Le rôle social des murales

Raconter une histoire

Raconter sa culture, son histoire, dénoncer les injustices sociales… les murales, un art populaire

Normand Charest Dossiers Porte-folio, Murales, Vidéos, Autochtones

Fanny Aïshaa, en entrevue, parle du rôle social de la peinture murale qu’elle a découverte au Brésil et ailleurs en Amérique latine. Dans ces pays, la murale constitue une forme d’expression populaire très répandue. On y raconte sa culture et son histoire. On y dénonce aussi les injustices sociales.

C’est une véritable galerie en plein air, un musée populaire, dit-elle. D’ailleurs, c’est au Brésil et au Chili que je peins le plus, parce qu’il est toujours possible d’y trouver des lieux pour le faire. À Montréal, c’est difficile, à cause des autorisations. Mais là-bas, c’est la communauté locale qui décide, puisque, de toute façon, les policiers évitent les quartiers défavorisés. Et les gens accueillent avec plaisir les murales, parce qu’elles embellissent leurs rues, leurs maisons.

Or, l’art populaire de la fresque n’est pas une nouveauté en Amérique latine. Il existait bien avant la culture hip-hop, qui l’a beaucoup utilisé, et ses racines sont profondes. En effet, les graffiteurs d’aujourd’hui poursuivent une tradition déjà bien ancrée dans la région, du Mexique au Brésil.

De l’histoire en images

murale jorge gonzalez camarena maison des arts université concepcion chiliDepuis la première partie du 20e siècle, la murale a été d’une grande importance dans l’art mexicain. Et d’abord dans celui du peintre Diego Rivera (1886-1957), un artiste engagé, ami de Modigliani lorsqu’il vivait à Paris.
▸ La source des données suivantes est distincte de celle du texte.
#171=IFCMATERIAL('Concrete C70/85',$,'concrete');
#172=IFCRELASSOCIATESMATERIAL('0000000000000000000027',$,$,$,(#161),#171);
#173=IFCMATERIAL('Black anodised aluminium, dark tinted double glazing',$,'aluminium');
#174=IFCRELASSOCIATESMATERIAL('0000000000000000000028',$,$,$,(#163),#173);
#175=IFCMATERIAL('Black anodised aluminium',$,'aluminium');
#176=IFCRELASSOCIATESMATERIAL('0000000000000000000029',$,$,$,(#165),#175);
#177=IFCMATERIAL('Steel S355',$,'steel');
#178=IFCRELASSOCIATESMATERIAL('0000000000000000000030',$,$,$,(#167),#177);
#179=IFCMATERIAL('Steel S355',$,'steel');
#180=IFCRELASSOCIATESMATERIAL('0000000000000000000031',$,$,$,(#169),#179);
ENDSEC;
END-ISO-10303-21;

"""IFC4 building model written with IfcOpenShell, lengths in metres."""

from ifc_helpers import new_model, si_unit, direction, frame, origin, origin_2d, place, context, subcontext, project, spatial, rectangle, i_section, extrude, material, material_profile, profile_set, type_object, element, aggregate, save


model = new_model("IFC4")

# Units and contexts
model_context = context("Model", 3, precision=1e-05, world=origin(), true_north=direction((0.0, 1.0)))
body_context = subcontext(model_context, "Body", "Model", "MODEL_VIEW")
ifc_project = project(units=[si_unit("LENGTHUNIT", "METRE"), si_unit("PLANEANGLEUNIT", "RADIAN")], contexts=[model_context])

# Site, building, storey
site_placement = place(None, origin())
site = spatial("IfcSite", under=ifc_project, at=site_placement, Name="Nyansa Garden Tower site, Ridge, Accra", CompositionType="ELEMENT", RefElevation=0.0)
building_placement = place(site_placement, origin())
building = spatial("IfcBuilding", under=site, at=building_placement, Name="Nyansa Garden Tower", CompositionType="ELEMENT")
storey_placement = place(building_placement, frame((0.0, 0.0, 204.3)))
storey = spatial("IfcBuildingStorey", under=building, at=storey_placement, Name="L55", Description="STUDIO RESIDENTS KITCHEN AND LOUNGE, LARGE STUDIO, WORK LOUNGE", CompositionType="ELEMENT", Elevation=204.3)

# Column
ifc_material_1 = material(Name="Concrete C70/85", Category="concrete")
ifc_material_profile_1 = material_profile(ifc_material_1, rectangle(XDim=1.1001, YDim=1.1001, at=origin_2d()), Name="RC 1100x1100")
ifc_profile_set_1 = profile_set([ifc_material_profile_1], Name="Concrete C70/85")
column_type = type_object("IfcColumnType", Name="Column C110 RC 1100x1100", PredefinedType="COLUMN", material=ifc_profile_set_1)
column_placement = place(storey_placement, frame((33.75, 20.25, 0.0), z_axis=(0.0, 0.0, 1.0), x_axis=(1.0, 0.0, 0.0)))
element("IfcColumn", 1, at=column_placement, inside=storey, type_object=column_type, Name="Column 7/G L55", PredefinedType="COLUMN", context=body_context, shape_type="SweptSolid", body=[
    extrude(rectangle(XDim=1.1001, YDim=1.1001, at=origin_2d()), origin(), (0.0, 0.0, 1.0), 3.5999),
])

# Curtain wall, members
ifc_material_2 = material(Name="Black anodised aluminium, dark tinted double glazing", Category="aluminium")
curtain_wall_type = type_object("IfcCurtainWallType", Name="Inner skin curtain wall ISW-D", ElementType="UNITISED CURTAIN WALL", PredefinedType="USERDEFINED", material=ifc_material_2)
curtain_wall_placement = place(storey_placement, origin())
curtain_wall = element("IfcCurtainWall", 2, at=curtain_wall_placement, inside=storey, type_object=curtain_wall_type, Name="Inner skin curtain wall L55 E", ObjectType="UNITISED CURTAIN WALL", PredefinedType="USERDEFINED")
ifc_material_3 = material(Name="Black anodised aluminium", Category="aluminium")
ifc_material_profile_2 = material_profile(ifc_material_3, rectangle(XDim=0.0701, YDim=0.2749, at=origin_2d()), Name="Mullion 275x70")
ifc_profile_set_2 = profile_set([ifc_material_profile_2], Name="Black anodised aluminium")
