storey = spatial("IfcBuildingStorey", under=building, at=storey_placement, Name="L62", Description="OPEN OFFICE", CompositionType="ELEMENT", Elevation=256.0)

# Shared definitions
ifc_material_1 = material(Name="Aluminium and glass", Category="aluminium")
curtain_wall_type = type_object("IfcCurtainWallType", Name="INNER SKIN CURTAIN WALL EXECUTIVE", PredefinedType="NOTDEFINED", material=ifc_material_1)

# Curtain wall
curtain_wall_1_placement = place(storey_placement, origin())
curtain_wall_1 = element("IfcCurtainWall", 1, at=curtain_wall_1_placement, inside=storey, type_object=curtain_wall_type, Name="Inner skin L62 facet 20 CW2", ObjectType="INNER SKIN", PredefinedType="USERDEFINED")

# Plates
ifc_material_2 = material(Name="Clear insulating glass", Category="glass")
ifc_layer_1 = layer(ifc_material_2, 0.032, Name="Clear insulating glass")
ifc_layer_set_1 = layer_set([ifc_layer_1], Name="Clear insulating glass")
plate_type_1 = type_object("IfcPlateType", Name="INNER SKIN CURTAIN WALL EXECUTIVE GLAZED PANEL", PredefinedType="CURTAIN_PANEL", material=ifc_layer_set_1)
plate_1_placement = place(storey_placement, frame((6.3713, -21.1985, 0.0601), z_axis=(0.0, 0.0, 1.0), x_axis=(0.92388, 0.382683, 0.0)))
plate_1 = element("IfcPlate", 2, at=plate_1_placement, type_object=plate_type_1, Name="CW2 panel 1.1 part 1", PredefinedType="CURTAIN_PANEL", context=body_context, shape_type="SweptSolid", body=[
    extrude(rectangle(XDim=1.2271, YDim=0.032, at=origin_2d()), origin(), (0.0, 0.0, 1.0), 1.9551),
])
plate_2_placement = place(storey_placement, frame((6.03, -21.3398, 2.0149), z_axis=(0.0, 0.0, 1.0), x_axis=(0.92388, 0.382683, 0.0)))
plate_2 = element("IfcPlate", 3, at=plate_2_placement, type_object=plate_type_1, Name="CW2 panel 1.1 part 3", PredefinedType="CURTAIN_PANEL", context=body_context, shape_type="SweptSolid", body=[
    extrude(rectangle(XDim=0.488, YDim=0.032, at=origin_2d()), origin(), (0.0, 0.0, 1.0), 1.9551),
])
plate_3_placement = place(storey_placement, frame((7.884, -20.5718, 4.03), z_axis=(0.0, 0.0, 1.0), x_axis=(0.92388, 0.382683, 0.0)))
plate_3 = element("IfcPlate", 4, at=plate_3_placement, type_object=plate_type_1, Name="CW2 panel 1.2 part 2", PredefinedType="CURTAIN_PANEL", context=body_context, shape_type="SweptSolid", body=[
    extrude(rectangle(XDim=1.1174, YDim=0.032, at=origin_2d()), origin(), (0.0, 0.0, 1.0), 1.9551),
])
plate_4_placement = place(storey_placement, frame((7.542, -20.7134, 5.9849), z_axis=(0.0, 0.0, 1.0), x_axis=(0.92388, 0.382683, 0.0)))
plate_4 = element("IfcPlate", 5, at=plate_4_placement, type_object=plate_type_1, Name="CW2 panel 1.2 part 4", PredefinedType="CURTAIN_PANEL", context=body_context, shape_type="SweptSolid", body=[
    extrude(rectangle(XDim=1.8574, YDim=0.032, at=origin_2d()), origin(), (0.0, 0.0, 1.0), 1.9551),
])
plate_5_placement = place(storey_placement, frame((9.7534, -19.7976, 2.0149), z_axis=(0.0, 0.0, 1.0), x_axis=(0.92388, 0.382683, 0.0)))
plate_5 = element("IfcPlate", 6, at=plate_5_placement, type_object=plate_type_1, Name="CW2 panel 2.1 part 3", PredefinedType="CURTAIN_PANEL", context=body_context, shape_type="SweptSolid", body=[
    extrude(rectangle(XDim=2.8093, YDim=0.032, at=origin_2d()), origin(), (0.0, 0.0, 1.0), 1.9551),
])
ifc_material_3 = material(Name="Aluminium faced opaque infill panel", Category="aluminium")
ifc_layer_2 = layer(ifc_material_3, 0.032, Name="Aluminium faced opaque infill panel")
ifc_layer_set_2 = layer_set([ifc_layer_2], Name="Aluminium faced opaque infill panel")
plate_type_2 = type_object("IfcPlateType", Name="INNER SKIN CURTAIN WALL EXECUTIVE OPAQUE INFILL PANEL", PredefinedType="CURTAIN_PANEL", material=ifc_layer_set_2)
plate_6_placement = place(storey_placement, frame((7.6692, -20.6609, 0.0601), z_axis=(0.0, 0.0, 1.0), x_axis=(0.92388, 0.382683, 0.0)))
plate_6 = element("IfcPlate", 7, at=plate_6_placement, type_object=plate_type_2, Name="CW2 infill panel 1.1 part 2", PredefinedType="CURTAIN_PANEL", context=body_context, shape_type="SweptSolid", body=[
Et plus tard, ami de l’exilé soviétique Léon Trotski, lorsque celui-ci s’est réfugié au Mexique.

Après la Révolution mexicaine de 1910 à 1917, il devient l’un des premiers peintres muralistes du pays où ses fresques, commandées par le nouveau gouvernement, couvrent les murs des édifices officiels. Ces fresques destinées au peuple racontent l’histoire du pays, comme dans un livre d’images accessible à tous, même à ceux qui ne savent pas lire.

L’idée n’est pas nouvelle. C’est ce qu’on faisait déjà dans les cathédrales du Moyen Âge, qui racontaient aussi tout en images – par leurs sculptures et leurs vitraux – à des gens qui, de la même manière, étaient en majorité analphabètes.

Après le Mexique, cet art muraliste s’est installé plus loin en Amérique latine, notamment au Chili, comme on peut le voir dans cette œuvre de l’artiste mexicain couvrant le mur d’une université chilienne. Une fresque superbe qui peut, à son tour, influencer le travail des graffiteurs d’aujourd’hui.

C’est ce qu’on croit avoir constaté, d’ailleurs, au Festival des percussions de Longueuil (du 10 au 15 juillet dernier), dont le thème était justement, cette année: «Une aventure au Mexique au rythme des Mayas». En effet, certaines œuvres des graffiteurs invités, peintes en direct sur des panneaux, pouvaient lui ressembler par leur contenu inspiré des anciennes civilisations, comme celles des Mayas au Mexique ou des Incas en Amérique du Sud.